Remember when the pub manager killed the power during a gig by Flying Nun Band The Clean? Were you there when someone sang “Flick, the Little Fire Engine” at a Toy Love gig?

Refresh your memory on Papers Past, the National Library’s website for digitised newspapers and magazines.

Rip It Up was the influential New Zealand music magazine, started by Murray Cammick and Alastair Dougal in 1977. There were 377 issues published over 38 years, before the magazine closed in 2015.

National Library has been working with music entrepreneur Simon Grigg, who purchased the Rip It Up archive when it was put up for sale in 2016, and together have made the first 102 issues available online.

“Rip It Up was a massive influence on New Zealand popular music, particularly during the late 1970s and 1980s”, says Dr Michael Brown, Music Curator at the Alexander Turnbull Library (part of the National Library).

“It gave local scenes around the country national exposure, stoking interest especially in the rise of independent music. Many notable music journalists and critics featured in the pages of Rip It Up.”

Andrew Fagan, frontman of iconic 1980s band The Mockers says, "Just to get a mention in the local news segment made a new fledgling band feel probably more relevant than they deserved to feel. To get on the front cover was a gratifying acknowledgement of national recognition. It made you feel like you'd arrived.... As soon as a pile of Rip It Ups appeared in the local record shop they were gone.”

“It served as a platform for everyone who was bothering to make music locally. The International acts almost paled into insignificance given the significant role it played for us locals."
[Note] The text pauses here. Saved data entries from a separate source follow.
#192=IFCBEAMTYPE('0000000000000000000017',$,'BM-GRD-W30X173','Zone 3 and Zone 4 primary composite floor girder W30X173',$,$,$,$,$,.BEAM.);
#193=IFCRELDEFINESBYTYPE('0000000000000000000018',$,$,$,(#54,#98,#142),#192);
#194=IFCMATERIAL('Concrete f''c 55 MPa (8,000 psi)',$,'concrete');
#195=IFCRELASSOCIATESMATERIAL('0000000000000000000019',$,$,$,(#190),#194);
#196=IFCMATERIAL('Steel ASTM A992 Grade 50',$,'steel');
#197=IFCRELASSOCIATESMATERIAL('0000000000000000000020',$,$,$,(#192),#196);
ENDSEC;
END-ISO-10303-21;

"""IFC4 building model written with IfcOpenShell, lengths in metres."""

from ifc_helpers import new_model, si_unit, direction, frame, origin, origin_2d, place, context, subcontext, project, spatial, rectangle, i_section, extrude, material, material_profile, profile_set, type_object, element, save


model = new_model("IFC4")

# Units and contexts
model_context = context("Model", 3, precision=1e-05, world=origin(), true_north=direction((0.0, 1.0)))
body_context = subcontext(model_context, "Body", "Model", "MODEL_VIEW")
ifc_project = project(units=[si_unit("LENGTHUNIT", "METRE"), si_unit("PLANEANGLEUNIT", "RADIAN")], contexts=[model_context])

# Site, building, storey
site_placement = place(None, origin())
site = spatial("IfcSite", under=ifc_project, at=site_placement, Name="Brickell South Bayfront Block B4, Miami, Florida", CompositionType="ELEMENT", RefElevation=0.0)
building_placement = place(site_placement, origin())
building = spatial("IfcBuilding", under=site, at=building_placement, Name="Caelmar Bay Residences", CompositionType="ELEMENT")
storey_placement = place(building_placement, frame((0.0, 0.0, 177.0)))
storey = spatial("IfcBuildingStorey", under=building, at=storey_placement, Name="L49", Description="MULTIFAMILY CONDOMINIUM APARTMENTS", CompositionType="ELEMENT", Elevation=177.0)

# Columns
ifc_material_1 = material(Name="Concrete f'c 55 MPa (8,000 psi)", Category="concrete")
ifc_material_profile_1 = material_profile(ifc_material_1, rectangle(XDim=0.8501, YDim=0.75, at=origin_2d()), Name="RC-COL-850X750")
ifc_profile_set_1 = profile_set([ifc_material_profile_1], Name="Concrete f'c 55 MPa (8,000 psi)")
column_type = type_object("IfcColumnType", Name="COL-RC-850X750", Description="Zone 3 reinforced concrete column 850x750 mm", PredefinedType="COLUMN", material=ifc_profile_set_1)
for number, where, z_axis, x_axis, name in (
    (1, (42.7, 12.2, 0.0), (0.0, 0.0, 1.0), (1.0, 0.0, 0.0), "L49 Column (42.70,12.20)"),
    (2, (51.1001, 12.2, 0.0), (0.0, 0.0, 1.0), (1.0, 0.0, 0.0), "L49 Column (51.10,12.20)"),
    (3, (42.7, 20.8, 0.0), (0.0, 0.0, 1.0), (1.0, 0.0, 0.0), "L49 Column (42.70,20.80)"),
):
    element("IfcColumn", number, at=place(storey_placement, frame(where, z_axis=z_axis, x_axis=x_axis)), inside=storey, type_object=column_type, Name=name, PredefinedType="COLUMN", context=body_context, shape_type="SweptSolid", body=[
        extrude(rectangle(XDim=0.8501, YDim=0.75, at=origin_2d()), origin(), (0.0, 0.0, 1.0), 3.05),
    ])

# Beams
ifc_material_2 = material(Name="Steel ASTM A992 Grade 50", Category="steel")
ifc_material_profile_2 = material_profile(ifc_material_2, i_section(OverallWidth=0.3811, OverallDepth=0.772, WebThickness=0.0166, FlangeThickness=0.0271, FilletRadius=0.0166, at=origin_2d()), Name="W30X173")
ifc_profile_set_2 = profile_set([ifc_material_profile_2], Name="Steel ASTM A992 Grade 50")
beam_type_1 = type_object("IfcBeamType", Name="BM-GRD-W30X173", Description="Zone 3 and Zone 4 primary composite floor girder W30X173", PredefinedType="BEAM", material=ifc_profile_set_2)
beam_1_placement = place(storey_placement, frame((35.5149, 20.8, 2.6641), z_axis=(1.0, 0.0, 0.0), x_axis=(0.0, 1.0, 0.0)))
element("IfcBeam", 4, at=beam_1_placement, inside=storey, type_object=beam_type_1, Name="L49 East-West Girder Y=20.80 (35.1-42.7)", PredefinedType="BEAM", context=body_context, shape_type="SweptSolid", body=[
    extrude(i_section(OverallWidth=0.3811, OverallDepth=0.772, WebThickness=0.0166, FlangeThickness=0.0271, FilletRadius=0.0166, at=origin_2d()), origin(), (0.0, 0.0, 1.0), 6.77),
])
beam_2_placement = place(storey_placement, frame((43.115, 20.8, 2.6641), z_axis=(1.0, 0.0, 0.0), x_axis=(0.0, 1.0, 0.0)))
Papers Past is The National Library’s online collection of digitised historical newspapers, periodicals and documents. It provides full-text access to 148 newspapers and 27 periodical titles, the Donald McLean Papers, and the Appendices to the Journal of the House of Representatives (AJHRs) and covers the period from 1839 to 2017. With over 6 million pages available to search for free, Papers Past is one of the leading research resources in New Zealand.